Each question in this section has four suggested answers of which ONE OR MORE answers will be correct. The intermediate(s) involved in the reaction of \(\mathrm{C}_{6} \mathrm{H}_{5} \mathrm{CONH}_{2}\) with bromine and aqueous \(\mathrm{KOH}\) is/are (a) \(\mathrm{C}_{6} \mathrm{H}_{5} \mathrm{CONBr}_{2}\) (b) \(\left[\mathrm{C}_{6} \mathrm{H}_{5} \mathrm{CONBr}\right]-\mathrm{K}^{+}\) (c) \(\mathrm{C}_{6} \mathrm{H}_{5} \mathrm{NCO}\) (d) \(\mathrm{C}_{6} \mathrm{H}_{5} \mathrm{NC}\)

The given reaction is: $$\mathrm{C}_{6} \mathrm{H}_{5}\mathrm{CONH}_{2} + \mathrm{Br}_{2} + \mathrm{KOH} \longrightarrow \text{product(s)}$$

The reaction of benzamide with bromine and aqueous potassium hydroxide undergoes the Hofmann Bromamide Reaction mechanism. This reaction is used to convert amides to primary amines with one carbon atom less.

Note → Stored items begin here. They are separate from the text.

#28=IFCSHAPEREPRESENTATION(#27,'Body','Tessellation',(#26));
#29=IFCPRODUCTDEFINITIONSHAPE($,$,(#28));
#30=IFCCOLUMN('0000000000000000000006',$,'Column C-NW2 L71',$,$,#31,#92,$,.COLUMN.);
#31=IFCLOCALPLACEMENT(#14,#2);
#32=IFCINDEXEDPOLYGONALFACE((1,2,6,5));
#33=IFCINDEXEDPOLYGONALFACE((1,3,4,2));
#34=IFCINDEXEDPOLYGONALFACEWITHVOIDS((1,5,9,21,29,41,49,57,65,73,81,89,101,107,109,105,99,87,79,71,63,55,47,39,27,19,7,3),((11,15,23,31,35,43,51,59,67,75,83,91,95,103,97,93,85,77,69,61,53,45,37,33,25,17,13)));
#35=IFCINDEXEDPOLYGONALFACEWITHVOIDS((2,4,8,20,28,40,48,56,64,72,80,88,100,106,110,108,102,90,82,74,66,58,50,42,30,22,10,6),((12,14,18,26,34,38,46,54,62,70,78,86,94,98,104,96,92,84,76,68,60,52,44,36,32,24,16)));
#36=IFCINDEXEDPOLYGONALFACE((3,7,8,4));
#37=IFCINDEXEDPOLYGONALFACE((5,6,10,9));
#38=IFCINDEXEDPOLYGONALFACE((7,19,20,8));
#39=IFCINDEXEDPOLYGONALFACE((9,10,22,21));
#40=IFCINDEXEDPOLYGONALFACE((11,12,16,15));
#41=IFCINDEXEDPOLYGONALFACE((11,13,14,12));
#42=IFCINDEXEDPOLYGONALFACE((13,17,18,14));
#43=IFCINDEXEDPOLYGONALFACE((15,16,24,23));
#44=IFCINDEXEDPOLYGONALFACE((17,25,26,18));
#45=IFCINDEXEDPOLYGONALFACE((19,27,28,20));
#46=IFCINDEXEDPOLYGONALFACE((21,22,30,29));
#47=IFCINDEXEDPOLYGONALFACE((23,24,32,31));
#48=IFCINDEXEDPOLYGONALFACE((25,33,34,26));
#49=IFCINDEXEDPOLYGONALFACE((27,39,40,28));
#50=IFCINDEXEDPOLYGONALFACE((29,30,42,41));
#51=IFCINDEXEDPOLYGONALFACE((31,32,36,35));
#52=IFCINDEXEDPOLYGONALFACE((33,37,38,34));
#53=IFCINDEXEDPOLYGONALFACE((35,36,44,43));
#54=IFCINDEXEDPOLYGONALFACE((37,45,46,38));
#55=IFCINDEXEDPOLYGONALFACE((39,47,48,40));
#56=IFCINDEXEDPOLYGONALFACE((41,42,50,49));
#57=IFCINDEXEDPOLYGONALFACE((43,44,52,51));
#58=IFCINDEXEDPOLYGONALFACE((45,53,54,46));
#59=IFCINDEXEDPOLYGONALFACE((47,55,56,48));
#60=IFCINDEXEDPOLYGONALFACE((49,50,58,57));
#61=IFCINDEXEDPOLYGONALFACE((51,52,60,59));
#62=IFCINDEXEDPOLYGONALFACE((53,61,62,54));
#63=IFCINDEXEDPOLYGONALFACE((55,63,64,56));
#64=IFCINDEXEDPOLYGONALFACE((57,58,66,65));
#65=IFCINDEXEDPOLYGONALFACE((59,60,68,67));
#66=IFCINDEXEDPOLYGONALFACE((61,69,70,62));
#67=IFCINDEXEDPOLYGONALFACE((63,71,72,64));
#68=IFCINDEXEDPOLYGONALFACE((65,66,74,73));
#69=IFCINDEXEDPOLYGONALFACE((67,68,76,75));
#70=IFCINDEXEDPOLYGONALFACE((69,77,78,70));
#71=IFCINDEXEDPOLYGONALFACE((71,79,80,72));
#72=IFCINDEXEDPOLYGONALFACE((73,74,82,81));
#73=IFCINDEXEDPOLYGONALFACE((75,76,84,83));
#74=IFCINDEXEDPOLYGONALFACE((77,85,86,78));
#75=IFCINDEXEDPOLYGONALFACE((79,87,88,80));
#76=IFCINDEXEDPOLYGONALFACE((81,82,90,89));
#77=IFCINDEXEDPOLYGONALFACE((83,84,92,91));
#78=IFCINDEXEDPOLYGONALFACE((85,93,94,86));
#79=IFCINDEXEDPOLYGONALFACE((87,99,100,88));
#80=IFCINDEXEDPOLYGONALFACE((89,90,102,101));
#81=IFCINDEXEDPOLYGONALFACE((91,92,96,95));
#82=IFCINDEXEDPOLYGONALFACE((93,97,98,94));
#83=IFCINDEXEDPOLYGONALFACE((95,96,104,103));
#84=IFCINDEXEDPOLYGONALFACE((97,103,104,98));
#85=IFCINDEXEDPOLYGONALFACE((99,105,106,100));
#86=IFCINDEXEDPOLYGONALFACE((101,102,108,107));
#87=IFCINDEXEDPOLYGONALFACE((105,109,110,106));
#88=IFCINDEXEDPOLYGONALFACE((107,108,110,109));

According to the Hofmann Bromamide Reaction mechanism, the reaction proceeds in the following steps: 1. Bromination of benzamide: $$\mathrm{C}_{6} \mathrm{H}_{5}\mathrm{CONH}_{2} + \mathrm{Br}_{2} \rightarrow \mathrm{C}_{6} \mathrm{H}_{5}\mathrm{CONBr}_{2}$$ 2. Reaction with \(\mathrm{KOH}\): $$\mathrm{C}_{6} \mathrm{H}_{5}\mathrm{CONBr}_{2} + 4\, \mathrm{KOH} \rightarrow \left[ \mathrm{C}_{6} \mathrm{H}_{5}\mathrm{CONBr} \right]^{-}\mathrm{K}^{+} + \mathrm{KBr} + 3\, \mathrm{H}_{2}\mathrm{O}$$ 3. Migration of \(\mathrm{R}\) (-phenyl) group and formation of isocyanate: $$\left[ \mathrm{C}_{6} \mathrm{H}_{5}\mathrm{CONBr} \right]^{-}\mathrm{K}^{+} \rightarrow \mathrm{C}_{6} \mathrm{H}_{5}\mathrm{NCO} + \mathrm{Br}^{-}\mathrm{K}^{+}$$ 4. Hydrolysis of isocyanate: $$\mathrm{C}_{6} \mathrm{H}_{5}\mathrm{NCO} + \mathrm{H}_{2}\mathrm{O} \rightarrow \mathrm{C}_{6} \mathrm{H}_{5}\mathrm{NH}_{2} + \mathrm{CO}_{2}$$ After analyzing the reaction mechanism, we identify the following intermediates directly from the reaction steps: (a) \(\mathrm{C}_{6} \mathrm{H}_{5}\mathrm{CONBr}_{2}\), (b) \(\left[\mathrm{C}_{6} \mathrm{H}_{5}\mathrm{CONBr}\right]^{-}\mathrm{K}^{+}\), and (c) \(\mathrm{C}_{6} \mathrm{H}_{5}\mathrm{NCO}\). The last compound, (d) \(\mathrm{C}_{6} \mathrm{H}_{5}\mathrm{NC}\), does not appear during the mechanism. Based on the reaction steps, one or more correct answers will be: (a), (b), and (c).